Держаться за землю - Сергей Самсонов
Шрифт:
Интервал:
— А где начнем? В Егорьевке?
— Вдалеке от больших населенных, — с усилием, раздельно выцедил Криницкий. — Где поменьше детей. Каждый день у тебя за спиной убивают кого-то, кто вышел из-подвала за хлебом. И не надо говорить: «Вам спасибо». Я это «спасибо» и так каждый день сам себе говорю. Я с этой благодарностью к тебе сейчас пришел, присяге изменяю — как, нормально? Сейчас нам надо это здесь остановить. Здесь, в Кумачове. А там и верха наши, может, начнут договариваться.
— А брешь, что ли, вон? — кивнул Лютов за спину.
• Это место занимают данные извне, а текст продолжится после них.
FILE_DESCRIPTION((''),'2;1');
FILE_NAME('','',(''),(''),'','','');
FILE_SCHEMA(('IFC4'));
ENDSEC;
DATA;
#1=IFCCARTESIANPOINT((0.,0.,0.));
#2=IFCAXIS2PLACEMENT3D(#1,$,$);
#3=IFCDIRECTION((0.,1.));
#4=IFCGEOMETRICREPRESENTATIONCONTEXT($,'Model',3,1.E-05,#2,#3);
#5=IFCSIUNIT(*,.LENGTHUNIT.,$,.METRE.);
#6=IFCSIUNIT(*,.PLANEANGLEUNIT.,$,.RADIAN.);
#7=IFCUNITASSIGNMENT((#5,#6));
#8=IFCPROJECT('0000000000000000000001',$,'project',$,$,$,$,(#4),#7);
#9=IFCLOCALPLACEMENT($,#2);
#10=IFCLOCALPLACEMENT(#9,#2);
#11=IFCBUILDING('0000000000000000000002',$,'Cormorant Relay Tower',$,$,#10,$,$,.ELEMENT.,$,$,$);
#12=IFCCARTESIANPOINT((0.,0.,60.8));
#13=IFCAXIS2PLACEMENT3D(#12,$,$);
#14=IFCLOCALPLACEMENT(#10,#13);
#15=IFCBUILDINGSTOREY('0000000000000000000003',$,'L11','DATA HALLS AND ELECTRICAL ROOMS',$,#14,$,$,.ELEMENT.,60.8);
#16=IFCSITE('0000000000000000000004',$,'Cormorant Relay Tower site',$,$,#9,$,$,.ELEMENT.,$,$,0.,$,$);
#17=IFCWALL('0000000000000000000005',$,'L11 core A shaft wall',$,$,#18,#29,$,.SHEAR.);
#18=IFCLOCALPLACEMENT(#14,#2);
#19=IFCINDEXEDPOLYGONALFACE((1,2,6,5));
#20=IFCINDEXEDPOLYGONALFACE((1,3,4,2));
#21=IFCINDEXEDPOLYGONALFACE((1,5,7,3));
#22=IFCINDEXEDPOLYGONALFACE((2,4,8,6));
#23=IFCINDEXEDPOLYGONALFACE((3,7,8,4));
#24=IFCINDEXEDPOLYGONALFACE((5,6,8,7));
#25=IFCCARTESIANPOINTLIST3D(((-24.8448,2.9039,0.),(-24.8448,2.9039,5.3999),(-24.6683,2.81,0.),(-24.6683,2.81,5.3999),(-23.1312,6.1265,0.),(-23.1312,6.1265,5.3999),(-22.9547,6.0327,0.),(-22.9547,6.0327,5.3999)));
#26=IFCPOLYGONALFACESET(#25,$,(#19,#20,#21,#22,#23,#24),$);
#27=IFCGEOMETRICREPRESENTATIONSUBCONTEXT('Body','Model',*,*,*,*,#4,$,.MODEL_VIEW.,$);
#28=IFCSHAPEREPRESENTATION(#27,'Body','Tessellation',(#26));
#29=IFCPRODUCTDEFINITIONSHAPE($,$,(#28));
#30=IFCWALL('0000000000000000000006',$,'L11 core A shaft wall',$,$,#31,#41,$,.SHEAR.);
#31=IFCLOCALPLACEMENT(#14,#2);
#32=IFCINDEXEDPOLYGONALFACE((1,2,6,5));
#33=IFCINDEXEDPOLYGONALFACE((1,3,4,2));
— А у тебя другие варианты? Я был бы рад, конечно, если бы вы сами по этой вот дорожке побежали, — признал Криницкий, неотрывно глядя Лютову в глаза, и такая глухая тоска и как будто бы даже омерзение к собственной жизни были в этом упорном, немигающем взгляде, что уж вот с кем бы Лютов ни за что не хотел поменяться местами. — Тогда б и овцы были целы, и я бы наверх доложил о вашем полном истреблении.
— А теперь что, — спросил Лютов скучно, — пошлешь своих мины вдоль речки снимать?
— А не было мин. Для чего? Чтоб контрольная группа твоя нарвалась и назад побежала? Там привязки мои, ориентиры для танков, и они никуда уж не денутся, сам понимаешь.
— То есть предлагаешь слово офицера? — бросил Лютов с расчетливым беспредельным презрением.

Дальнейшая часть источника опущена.